NAZIS DEPLOY MIDGET U-BOAT IN FRANCE
Off the Normandy Coast, Occupied France · May 29, 1944
The German Kriegsmarine possessed several notable midget submarines (Kleinst-U-Boote), one being the one-man Biber (German for “beaver”) and the other the two-man Seehund (German for “seal”). Neither U‑boot was particularly successful as a weapon against Allied supply and troop ships.
Influenced by a captured one-man British submarine, a prototype Biber was in place in March 1944 and successfully tested on this date in 1944. Hastily developed to help meet the impending Allied invasion of Europe (Operation Overlord), which began in Normandy, Northwestern France, on June 6, the one-man, 6.5‑ton Biber was the smallest submarine, at 29 ft long, in the Kriegsmarine.

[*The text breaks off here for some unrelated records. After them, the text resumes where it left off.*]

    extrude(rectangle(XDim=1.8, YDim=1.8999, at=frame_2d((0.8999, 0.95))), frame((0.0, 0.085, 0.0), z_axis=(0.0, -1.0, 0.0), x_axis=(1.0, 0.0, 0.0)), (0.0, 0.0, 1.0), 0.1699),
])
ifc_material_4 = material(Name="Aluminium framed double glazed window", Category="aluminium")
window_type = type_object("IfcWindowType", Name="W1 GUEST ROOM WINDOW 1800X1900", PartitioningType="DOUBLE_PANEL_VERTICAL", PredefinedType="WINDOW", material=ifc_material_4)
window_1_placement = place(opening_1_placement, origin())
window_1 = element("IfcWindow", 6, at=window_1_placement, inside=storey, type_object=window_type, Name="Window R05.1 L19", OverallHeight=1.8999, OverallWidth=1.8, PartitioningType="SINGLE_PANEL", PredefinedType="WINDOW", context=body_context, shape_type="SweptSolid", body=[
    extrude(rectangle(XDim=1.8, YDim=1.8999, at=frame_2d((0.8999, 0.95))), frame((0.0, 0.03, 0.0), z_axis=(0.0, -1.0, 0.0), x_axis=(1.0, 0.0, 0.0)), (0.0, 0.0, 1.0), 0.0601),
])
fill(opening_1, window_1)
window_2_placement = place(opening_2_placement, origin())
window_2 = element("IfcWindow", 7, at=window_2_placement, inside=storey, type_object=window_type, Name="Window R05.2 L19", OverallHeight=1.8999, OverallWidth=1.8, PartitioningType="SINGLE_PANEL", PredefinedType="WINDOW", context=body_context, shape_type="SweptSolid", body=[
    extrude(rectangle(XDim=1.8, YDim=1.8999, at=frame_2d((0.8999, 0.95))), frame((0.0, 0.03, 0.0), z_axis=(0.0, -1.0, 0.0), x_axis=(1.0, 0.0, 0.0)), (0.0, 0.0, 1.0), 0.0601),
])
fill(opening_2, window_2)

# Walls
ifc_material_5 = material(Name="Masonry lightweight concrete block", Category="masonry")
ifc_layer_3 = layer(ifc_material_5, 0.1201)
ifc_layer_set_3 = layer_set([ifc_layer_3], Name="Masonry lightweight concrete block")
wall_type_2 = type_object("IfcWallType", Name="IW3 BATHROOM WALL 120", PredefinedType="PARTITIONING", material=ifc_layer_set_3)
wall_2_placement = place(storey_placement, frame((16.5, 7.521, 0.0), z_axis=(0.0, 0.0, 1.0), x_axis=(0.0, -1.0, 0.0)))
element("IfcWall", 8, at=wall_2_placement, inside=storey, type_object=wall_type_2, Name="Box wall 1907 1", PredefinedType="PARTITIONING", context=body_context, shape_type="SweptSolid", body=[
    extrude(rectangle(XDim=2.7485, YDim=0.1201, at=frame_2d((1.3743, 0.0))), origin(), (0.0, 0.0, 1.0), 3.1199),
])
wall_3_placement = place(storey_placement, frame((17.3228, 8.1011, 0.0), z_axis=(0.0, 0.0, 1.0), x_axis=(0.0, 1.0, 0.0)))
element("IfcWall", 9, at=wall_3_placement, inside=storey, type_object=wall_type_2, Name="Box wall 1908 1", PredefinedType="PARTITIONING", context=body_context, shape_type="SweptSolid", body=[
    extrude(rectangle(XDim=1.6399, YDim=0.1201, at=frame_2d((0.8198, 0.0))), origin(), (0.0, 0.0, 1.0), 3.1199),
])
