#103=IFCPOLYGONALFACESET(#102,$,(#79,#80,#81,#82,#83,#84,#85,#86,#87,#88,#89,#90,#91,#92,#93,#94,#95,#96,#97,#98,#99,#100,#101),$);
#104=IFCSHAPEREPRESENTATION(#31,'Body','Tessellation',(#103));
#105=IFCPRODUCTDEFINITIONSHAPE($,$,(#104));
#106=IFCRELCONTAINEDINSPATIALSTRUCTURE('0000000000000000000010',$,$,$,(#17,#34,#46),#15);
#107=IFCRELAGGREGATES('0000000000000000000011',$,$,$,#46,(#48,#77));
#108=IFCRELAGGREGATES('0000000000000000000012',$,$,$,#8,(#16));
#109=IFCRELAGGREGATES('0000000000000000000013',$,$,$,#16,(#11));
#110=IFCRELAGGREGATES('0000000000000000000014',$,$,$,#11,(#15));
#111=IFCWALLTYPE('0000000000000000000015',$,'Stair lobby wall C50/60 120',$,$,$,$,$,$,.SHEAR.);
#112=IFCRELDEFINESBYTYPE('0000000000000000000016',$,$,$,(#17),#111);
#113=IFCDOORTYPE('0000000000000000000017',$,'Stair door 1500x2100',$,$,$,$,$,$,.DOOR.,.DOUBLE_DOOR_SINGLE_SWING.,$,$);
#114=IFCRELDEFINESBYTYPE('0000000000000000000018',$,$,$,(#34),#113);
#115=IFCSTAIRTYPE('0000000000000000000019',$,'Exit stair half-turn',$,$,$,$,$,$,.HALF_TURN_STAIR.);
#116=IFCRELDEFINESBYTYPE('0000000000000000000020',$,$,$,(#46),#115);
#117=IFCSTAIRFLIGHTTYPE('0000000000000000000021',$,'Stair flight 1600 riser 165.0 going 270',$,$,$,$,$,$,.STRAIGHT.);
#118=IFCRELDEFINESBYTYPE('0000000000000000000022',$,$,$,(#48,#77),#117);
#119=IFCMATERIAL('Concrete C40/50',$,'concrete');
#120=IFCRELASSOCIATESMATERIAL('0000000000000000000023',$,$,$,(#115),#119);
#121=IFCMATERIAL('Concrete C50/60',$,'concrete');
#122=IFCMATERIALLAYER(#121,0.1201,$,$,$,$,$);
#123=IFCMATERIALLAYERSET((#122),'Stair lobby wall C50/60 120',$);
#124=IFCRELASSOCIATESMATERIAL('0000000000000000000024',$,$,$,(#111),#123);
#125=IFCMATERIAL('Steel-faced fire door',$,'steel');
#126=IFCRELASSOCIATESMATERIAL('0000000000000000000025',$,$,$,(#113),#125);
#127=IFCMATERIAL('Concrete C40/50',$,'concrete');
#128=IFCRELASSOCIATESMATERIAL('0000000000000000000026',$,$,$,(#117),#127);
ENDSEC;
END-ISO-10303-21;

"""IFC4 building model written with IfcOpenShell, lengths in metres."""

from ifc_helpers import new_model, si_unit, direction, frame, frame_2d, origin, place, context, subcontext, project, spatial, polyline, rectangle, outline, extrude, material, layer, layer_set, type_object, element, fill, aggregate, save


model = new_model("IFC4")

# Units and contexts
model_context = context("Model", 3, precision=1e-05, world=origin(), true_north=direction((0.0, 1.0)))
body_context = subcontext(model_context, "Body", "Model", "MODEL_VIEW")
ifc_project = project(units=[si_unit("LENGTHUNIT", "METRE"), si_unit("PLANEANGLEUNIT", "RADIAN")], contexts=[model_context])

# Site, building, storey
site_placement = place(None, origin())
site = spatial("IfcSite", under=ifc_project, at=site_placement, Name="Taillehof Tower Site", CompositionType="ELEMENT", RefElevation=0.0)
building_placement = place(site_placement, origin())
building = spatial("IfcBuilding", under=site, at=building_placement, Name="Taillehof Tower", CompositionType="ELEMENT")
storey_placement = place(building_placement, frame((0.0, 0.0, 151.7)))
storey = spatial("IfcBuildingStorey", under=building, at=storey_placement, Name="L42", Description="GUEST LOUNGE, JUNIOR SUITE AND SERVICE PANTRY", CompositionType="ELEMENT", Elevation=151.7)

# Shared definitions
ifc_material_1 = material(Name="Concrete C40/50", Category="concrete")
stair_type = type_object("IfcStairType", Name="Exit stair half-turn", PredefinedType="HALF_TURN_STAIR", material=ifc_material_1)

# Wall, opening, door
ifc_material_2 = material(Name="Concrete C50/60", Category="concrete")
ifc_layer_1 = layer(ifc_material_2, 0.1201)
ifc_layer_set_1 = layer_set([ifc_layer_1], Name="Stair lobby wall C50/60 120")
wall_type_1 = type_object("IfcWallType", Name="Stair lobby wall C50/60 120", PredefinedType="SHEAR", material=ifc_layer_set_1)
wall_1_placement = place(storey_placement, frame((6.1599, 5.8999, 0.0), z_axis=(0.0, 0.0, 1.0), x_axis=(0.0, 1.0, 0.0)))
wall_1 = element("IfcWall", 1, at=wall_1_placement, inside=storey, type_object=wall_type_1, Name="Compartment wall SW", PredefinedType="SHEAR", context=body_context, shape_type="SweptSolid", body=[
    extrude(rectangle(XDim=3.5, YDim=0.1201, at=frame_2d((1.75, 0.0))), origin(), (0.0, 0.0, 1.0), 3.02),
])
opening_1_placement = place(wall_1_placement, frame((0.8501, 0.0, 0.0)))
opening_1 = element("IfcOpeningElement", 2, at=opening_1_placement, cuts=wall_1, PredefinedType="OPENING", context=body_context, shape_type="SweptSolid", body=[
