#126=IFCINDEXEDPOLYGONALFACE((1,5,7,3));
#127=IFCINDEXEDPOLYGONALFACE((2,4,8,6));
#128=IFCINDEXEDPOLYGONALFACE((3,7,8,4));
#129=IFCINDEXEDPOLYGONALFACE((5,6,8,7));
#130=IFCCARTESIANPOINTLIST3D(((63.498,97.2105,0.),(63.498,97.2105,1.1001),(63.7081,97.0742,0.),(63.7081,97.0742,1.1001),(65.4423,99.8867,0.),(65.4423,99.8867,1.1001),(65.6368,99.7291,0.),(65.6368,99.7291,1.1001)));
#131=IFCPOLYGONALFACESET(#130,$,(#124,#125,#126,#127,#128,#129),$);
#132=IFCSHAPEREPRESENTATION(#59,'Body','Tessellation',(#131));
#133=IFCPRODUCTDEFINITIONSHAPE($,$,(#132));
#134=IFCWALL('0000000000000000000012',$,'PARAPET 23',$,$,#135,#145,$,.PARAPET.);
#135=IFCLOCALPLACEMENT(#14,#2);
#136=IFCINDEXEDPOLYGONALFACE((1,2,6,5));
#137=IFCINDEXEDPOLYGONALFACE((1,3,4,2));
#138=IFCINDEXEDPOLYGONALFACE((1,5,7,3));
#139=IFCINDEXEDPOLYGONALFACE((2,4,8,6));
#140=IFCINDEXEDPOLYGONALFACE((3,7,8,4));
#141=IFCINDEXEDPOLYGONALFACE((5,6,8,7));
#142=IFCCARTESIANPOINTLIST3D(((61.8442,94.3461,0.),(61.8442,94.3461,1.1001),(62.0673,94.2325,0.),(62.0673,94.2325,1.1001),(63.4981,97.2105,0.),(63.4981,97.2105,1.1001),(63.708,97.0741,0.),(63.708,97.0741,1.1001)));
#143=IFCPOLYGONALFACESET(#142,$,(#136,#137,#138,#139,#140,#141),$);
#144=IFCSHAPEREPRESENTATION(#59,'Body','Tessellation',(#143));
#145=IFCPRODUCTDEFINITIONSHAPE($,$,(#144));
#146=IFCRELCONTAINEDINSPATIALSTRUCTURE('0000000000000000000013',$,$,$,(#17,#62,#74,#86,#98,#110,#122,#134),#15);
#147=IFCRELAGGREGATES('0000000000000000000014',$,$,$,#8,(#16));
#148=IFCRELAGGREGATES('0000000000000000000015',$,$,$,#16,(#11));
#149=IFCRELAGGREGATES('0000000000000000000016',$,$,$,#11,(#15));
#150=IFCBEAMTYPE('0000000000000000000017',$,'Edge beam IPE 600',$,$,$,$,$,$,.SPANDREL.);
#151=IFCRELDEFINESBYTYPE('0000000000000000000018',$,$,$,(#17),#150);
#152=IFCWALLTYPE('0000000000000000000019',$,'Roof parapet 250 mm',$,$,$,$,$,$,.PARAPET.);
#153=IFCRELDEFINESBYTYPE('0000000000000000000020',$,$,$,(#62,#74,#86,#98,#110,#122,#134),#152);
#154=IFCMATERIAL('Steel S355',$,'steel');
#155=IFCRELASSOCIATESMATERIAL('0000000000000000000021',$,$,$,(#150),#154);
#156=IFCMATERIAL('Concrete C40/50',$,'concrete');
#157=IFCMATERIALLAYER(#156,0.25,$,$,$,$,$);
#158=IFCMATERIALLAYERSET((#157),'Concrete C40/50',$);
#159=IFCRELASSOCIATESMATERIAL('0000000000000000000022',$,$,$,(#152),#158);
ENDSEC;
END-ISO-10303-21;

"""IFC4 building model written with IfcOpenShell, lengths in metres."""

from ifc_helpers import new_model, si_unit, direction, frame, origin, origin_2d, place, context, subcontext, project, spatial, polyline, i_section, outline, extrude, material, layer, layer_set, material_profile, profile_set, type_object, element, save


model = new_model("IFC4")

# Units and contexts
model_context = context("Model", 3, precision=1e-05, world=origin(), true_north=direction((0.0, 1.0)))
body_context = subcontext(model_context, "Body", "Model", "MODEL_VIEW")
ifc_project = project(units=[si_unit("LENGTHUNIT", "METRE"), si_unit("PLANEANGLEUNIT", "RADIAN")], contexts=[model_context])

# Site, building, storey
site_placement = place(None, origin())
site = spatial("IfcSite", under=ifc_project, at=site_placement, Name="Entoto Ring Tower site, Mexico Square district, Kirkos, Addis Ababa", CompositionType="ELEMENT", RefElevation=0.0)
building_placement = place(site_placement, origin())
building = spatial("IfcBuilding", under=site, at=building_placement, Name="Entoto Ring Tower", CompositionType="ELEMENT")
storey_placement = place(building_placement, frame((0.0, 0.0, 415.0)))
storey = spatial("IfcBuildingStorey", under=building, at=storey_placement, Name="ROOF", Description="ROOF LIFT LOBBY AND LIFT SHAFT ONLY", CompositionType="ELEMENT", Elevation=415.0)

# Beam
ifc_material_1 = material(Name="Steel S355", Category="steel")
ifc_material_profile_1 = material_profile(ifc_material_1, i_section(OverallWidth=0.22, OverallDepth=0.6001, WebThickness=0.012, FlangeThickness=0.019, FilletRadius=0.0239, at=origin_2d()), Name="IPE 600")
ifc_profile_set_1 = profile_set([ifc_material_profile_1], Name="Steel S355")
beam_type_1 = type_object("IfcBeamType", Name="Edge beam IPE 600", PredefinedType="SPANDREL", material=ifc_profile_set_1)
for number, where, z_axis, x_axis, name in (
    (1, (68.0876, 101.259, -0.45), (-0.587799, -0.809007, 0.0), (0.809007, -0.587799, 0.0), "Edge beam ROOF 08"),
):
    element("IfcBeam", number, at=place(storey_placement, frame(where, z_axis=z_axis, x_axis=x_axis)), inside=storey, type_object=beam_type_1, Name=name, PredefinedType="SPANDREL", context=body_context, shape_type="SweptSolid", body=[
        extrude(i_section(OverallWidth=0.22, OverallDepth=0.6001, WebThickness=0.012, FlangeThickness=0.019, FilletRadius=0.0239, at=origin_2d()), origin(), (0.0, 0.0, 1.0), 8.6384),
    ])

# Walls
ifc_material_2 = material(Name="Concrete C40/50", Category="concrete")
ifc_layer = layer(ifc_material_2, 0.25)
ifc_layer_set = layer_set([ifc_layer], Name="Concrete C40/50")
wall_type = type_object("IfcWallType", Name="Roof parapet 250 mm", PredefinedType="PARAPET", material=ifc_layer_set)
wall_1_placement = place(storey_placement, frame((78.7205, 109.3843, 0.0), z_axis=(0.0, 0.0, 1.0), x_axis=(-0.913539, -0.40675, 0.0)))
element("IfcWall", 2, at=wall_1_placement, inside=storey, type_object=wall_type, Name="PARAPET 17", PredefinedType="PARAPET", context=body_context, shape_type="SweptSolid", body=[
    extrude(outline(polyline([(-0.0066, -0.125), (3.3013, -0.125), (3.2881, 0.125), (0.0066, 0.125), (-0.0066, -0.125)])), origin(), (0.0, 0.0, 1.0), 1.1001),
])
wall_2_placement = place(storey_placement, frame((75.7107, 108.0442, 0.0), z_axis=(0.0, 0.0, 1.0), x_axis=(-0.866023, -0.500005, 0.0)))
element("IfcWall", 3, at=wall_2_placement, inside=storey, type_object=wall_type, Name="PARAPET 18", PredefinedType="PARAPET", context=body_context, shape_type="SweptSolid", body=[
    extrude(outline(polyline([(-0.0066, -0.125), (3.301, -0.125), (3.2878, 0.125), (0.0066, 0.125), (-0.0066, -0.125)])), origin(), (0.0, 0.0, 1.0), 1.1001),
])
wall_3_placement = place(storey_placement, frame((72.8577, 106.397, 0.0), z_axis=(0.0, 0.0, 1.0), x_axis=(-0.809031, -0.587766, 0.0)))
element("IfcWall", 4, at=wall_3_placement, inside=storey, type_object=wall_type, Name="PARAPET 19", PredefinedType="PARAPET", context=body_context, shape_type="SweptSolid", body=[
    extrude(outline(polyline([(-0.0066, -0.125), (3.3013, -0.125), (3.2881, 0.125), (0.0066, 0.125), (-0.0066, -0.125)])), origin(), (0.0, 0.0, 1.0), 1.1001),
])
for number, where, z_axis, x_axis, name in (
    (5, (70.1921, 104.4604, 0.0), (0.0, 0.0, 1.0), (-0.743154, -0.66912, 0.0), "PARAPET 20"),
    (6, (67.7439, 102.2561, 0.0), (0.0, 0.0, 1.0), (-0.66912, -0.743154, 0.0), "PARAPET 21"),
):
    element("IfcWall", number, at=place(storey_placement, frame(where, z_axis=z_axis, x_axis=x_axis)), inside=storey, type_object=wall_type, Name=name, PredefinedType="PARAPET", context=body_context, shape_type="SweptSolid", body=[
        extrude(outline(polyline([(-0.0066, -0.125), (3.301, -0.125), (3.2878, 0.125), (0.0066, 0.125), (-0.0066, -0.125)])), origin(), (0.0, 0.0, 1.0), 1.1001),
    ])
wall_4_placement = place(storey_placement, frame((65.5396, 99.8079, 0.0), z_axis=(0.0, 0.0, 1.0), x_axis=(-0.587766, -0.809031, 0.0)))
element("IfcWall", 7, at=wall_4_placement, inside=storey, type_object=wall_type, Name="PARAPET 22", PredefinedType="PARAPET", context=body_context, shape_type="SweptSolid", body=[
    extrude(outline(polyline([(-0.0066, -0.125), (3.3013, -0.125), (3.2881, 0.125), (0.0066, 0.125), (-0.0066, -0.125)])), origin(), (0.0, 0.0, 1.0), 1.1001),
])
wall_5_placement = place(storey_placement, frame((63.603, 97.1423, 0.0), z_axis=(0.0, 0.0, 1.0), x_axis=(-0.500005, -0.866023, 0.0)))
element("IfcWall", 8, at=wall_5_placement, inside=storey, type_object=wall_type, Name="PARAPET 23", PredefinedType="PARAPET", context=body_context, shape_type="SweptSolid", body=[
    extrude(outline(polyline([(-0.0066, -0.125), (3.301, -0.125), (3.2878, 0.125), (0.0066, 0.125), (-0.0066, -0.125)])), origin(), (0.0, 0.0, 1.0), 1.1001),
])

The Biber was powered by dual propulsion diesel (surfaced) and electric (submerged) motors. Its top speed submerged was 5.3 knots, and it had a range of 100 nautical miles on the surface. A conning tower contained armored glass windows to allow the pilot to see out, plus it had a 5‑ft periscope. Armed with two externally mounted torpedoes, two mines, or one of each, over 320 boats were delivered to the German Navy.
The first Biber operation, consisting of 22 boats, was launched from Fécamp harbor in Normandy on August 30, 1944, roughly 100 miles northeast of the invasion beaches. Only two boats reached their operational area. In December 1944 the Bibers were deployed to Rotterdam in the Netherlands to target Allied traffic to Antwerp, the vital Belgian supply port the Allies had recently wrestled from the Wehrmacht (German armed forces). The first Biber attack took place on the night of December 22/23, 1944, in support of the German drive through the Ardennes Forest known as the Battle of the Bulge (December 16, 1944, to January 25, 1945). Of the 18 Bibers involved in the operation, just one returned. The sole Allied casualty was a cargo ship, the Alan A. Dale. All 65 crewmen were rescued.
Operations through December 25 achieved no success and none of the 14 deployed midget submarines survived. Losses at sea at the end of January, combined with Royal Air Force bombing of launch sites, prevented attacks from being mounted in February 1945. The last Biber mission was a mine-laying operation and took place on the night of April 26, four days short of Adolf Hitler’s suicide. Of the four Bibers that took part in the daredevil operation, one ran aground and three were attacked by P‑47 Thunderbolts, which sank two of them. With a loss rate of 69 percent, the Biber midget submarine can truly be described as a sailor’s coffin.
Kriegsmarine Midget Submarines
Right: The one-man, 6.5-ton Biber, shown beached in this photo, was the smallest of 11 production and prototype submarines in the Kriegsmarine. Germany, Japan, and Italy built approximately 2,000 midget submarines (i.e., undersea vessels of less than 50 tons). Crewed by 1–4 men and armed with either torpedoes and/or mines, these miniature submarines performed both special and conventional operations in the Mediterranean, Black Sea, Indian Ocean, North Sea, the English Channel, and Pacific, including at Pearl Harbor.
Left: A damaged and abandoned Biber on its transportation trailer, 1945.
Left: A far more successful undersea weapon than the Biber was the two-man Seehund (pl., Seehunde). At 39 ft long the Seehund had a submerged speed of 7 knots (under 8 mph), had dual propulsion diesel (surfaced) and electric (submerged) motors, and had a range of 270 or so nautical miles. From January to April 1945, Seehunde performed 142 sorties, during which they sank eight ships (versus one sinking for the Biber) for a total of 17,301 tons and damaged three for a total of 18,384 tons. They lost 35 of their own out of the 138 or so commissioned into the Kriegsmarine.
Right: The Molch (Salamander) was an 11‑ton, one-man, all-electric boat designed for coastal operations. Looking like a large torpedo, the Molch had a small range (40 miles at 5 knots), traveled submerged, and carried two underslung torpedoes. A total of 393 such boats were delivered to the Kriegsmarine. Molche (plural form) were used in the Mediterranean against the Allied invasion of the south of France (Operation Dragoon). On the night of September 25/26, 1944, a flotilla of 12 neither sank nor damaged anything for the loss of 10 subs. The last two subs were destroyed in Allied warship bombardment of San Remo, Italy, shortly thereafter.